На следующем концерте я подарила ему специально распечатанную на принтере книжечку своих стихов, а через несколько дней пьяная приперлась на репетицию в филармонию, где меня никто не ожидал. Легенды русского рока напряженно делали вид, что в зале меня нет. Через час пришлось ретироваться. Вдруг стало невыносимо трудно ждать, но еще долгие месяцы я была вынуждена изображать то холодность, то занятость, чтобы восстановить утраченное равновесие, позволяющее незаметно приближаться к цели.
Мы с Йоши окончательно перебрались в столицу; когда Л. приезжал на гастроли, ходили послушать, но не всякий раз.
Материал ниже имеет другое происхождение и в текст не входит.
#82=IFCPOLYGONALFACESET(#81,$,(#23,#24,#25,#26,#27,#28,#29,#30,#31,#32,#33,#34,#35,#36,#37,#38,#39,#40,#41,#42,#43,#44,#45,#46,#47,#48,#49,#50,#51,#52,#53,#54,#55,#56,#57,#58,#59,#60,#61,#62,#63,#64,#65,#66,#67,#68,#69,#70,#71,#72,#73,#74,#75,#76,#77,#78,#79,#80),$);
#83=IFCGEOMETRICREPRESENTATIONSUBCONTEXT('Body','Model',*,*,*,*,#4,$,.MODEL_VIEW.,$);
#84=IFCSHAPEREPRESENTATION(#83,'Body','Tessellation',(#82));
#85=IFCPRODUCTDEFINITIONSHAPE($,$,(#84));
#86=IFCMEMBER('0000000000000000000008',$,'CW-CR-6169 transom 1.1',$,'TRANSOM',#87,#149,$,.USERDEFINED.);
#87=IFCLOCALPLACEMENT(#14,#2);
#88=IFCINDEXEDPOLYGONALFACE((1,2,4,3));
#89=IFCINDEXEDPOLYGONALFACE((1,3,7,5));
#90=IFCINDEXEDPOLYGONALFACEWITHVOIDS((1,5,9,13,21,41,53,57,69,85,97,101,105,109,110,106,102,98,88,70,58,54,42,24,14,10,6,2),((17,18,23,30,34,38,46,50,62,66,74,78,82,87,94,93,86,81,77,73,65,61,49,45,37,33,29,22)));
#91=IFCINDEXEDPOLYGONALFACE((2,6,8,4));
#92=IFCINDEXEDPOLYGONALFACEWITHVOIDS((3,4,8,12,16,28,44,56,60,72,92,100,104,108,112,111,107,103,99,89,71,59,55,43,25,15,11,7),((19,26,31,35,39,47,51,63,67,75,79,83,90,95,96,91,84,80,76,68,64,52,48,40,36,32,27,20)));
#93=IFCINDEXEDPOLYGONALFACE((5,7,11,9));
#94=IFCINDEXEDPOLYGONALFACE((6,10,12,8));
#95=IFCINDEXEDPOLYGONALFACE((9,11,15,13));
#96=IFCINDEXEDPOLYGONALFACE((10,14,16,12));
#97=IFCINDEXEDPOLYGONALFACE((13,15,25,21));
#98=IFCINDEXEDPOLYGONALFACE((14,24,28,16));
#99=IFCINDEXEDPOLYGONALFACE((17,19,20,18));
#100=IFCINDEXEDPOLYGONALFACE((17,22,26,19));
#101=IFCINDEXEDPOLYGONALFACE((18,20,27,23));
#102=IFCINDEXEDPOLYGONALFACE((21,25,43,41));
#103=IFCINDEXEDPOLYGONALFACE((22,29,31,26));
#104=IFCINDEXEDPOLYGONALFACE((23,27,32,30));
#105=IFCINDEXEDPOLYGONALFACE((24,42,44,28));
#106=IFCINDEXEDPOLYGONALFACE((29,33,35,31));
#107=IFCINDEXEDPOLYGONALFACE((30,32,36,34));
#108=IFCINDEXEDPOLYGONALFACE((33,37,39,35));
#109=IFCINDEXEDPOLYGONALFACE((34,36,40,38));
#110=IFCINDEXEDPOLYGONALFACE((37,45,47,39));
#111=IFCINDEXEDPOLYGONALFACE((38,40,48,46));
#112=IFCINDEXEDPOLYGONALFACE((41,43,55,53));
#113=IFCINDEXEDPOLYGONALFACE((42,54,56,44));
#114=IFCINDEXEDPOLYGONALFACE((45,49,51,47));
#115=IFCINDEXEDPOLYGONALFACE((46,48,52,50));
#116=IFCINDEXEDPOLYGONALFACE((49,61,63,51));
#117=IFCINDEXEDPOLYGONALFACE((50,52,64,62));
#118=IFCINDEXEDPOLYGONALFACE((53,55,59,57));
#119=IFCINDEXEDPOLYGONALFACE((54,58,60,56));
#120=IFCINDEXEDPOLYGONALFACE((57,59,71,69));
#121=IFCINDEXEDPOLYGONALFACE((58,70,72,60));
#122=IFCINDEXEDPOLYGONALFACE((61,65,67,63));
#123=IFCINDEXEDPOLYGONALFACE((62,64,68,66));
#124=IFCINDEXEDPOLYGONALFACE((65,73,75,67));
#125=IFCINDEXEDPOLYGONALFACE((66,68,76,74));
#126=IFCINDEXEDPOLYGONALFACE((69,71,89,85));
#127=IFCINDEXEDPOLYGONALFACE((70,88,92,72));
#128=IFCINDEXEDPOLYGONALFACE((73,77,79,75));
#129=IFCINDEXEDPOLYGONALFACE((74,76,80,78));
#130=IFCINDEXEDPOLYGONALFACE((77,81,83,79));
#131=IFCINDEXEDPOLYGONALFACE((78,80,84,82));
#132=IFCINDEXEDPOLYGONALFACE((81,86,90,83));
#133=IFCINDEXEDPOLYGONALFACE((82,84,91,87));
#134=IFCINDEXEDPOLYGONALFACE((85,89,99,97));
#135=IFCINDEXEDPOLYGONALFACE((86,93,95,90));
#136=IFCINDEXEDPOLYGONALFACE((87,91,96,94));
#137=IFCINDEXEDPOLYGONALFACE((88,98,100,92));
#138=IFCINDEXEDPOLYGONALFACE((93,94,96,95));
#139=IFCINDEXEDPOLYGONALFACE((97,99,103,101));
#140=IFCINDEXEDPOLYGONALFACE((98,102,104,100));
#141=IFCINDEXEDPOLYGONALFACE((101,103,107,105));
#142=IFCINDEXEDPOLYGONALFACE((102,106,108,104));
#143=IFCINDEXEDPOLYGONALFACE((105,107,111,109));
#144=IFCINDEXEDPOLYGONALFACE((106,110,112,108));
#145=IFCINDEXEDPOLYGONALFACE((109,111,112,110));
Вдруг я узнала, что Л. ушел из группы ради собственного проекта и тоже переехал в Москву. Здесь ему было одиноко, и он стал бывать в нашем доме — сначала часто, потом каждый день. Марина сообщила ему из Новосибирска, что уходит к другому, и он нашел новую подружку, паче чаяния Елену. Он советовался со мной, что подарить ей ко дню рождения, рассказывал о ее работе, ее привычках, о себе — так, как это бывает у близких друзей. Он говорил мне и Йоши: вы — моя семья. Все пропало, в стремлении к близости я зашла слишком далеко.